# Using Flaked Maize



## Tony (26/1/06)

Hi all

I have used flaked maize in a few brews so far but im not sure if im getting everything out of it.

I have been just adding it to the mash and letting it steep with the grain at whatever temp i choose.

Is there a better way to use it?

I have heard of people cooking it like u would oats the release the starches.

I was hoping some people could share their thoughts, experiences and sugestions on this great little adjunct.

cheers

Oh....... i am only using it at 5 to 7% at the moment but might be using it in the 20 something % mark soon for a CAP.

cheers again


----------



## Ross (26/1/06)

Tony,

I spoke to Fawcett's in the Uk on this very matter - They told me their product just needs to be mashed along with the other grains - no special treatment needed...

cheers Ross


----------



## Pumpy (26/1/06)

Tony ,

I have only used the Polenta, add about a third of its weight in crushed malt, add some H2O, raise it's temperature to 65oC for ten minutes, then boil for half an hour. Stir contantly.

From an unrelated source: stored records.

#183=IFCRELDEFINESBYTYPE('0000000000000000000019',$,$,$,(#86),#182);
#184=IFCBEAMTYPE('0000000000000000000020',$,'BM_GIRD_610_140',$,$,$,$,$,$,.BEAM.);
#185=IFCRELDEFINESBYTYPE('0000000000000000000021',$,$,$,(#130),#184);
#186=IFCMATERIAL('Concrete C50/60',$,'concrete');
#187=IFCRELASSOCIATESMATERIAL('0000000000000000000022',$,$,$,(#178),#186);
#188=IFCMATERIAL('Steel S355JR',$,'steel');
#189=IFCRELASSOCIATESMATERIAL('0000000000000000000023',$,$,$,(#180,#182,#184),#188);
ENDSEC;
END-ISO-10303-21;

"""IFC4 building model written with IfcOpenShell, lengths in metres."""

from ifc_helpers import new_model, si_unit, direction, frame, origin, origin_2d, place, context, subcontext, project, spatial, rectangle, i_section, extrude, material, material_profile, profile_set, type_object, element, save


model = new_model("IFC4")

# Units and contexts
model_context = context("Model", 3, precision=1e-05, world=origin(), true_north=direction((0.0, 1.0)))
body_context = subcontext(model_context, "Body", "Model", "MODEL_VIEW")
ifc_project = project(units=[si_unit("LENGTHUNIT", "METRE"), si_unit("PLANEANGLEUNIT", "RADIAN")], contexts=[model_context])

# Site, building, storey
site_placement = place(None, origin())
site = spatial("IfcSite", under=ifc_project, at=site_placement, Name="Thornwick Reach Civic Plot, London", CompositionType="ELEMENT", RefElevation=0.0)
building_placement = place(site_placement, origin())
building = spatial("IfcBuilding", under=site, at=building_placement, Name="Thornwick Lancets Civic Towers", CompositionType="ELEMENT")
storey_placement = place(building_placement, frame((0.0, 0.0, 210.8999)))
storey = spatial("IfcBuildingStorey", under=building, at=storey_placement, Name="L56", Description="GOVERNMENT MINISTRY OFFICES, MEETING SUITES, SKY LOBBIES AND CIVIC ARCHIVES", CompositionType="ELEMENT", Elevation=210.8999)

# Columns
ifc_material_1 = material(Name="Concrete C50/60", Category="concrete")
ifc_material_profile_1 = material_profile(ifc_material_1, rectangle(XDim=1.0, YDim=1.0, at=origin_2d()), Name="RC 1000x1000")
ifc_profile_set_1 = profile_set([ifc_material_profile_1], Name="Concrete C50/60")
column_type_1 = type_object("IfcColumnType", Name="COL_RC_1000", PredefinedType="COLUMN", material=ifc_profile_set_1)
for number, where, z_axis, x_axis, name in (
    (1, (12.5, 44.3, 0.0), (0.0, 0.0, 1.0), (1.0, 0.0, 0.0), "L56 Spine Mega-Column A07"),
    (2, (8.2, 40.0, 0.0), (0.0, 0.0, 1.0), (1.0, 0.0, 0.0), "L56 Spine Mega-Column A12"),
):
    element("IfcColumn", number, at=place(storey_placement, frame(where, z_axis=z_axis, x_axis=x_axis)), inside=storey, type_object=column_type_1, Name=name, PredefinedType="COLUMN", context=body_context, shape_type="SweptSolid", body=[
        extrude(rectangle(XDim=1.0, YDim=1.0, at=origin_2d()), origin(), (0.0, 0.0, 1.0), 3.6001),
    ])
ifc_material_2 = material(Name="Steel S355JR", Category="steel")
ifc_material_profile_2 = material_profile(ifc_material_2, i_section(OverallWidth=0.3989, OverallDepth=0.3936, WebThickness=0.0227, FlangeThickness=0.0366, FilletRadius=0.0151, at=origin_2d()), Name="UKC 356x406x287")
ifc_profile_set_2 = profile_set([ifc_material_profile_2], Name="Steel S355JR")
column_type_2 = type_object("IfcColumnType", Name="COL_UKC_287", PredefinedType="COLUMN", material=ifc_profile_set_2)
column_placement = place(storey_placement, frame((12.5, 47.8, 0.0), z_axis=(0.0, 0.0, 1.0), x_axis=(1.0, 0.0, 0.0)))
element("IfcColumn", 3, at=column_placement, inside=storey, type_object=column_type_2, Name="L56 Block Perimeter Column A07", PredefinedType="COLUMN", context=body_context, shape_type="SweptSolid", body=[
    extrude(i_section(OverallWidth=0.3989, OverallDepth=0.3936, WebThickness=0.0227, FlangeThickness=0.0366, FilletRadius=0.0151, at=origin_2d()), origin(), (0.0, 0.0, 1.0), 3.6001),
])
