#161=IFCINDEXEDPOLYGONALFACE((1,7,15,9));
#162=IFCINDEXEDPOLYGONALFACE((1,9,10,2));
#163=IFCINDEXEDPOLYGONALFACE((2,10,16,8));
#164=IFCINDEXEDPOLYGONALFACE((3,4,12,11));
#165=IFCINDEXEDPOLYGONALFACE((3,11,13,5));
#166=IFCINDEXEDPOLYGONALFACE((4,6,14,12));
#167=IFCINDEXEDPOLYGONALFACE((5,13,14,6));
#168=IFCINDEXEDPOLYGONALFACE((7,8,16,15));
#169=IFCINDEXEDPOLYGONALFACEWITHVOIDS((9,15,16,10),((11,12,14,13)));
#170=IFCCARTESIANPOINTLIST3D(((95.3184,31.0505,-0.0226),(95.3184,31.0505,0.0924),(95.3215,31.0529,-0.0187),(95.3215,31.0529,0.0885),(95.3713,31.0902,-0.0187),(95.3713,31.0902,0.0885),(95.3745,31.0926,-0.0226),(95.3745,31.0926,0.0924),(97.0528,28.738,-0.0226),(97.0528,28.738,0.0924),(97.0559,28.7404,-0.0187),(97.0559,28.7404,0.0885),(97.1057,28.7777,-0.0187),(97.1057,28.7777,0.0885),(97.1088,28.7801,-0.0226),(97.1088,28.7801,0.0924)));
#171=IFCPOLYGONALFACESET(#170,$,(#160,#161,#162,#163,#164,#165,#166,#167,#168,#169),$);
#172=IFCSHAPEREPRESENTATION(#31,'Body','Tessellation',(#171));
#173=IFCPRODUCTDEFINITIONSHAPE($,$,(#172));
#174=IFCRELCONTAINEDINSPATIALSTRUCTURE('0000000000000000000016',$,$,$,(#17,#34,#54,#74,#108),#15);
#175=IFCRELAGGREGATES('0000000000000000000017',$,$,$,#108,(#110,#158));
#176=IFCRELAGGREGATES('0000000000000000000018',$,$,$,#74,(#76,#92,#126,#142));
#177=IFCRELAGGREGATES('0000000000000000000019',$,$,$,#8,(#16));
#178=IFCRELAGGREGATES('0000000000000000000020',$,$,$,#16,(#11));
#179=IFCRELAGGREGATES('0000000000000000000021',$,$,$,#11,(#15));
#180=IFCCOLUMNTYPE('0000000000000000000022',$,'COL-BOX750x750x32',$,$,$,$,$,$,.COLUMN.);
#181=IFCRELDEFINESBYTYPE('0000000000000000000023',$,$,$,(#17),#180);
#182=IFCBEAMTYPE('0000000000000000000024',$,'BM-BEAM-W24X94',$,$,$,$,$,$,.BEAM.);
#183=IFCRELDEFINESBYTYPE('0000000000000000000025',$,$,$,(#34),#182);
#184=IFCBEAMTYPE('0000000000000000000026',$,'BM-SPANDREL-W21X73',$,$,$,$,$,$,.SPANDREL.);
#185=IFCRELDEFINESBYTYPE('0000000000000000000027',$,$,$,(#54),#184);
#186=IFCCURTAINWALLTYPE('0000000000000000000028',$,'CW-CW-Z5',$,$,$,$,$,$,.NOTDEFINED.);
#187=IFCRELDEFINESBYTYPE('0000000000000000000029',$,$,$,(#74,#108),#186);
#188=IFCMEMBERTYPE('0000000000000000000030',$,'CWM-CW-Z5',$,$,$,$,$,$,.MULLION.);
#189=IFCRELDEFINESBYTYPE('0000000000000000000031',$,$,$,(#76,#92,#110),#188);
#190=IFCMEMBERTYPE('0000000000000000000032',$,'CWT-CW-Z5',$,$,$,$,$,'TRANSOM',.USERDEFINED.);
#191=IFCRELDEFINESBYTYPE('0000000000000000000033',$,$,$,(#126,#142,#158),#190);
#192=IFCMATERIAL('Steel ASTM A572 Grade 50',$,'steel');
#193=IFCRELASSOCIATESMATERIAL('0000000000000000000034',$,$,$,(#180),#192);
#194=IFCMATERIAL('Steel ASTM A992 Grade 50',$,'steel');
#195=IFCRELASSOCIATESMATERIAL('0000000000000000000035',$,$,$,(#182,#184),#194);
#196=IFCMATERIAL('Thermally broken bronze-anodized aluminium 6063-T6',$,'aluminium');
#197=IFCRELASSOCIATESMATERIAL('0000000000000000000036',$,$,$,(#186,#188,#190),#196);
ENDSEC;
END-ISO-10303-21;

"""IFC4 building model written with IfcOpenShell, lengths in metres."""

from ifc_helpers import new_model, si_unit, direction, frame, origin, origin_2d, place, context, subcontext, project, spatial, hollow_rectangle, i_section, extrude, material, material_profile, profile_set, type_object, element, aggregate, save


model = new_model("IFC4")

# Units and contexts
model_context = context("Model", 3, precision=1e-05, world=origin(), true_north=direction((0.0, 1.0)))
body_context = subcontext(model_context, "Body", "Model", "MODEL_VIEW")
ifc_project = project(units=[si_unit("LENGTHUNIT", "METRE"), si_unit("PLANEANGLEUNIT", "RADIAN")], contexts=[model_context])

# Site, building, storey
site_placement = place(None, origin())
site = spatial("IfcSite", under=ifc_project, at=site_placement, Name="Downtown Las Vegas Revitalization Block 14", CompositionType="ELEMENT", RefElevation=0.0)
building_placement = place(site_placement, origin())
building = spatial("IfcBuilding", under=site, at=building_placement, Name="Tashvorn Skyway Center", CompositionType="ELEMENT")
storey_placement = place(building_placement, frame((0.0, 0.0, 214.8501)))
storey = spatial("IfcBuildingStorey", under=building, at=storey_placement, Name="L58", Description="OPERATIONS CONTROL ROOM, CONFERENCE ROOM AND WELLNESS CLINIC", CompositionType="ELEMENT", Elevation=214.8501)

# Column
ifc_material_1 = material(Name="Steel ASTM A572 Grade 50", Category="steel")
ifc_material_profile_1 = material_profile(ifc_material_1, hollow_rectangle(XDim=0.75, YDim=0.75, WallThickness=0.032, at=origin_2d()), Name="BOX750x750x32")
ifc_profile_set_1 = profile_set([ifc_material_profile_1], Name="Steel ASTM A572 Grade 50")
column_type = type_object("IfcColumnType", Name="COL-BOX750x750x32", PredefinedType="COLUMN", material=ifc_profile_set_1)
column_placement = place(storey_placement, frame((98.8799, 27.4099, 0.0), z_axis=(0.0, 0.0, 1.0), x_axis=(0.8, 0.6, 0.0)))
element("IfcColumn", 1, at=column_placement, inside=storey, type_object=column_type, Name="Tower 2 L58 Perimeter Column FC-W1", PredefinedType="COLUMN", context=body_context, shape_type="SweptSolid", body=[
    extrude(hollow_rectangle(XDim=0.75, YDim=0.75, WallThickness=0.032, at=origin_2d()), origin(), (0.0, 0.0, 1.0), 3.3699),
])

It bubbles and spits so be careful .

Pumpy


----------



## Guest Lurker (26/1/06)

Cook polenta, just chuck the fawcetts stuff in the mash. About 5% adds a nice dryness to an ESB, more than that and you can sort of taste it. Ive used 20 and 25% in CAPs with no conversion problems, and it makes a nice light lager and gives a yellow hue to the beer.


----------



## Tony (27/1/06)

thanks all 

I have the TF stuff so i will continue doing what im doing

cheers people


----------



## johnno (11/5/06)

I was shocked to find that my favourite brew store had no flaked corn in stock today.
I need 300 grams for a beer i am making this weekend.
what can i use as a substitute?


help!!

cheers
johnno


----------



## Jim_Levet (11/5/06)

Sanitarium Corn Flakes or go to a health food shop
James


----------



## Mr Bond (11/5/06)

Corn popped in a hot air popper works 4 me.


----------



## warrenlw63 (11/5/06)

Also Johnno.

If you can be bothered hunting around for it some healthfood shops sell Maize Flour. You could probably sift a bit of that into the mash with no ill-effects.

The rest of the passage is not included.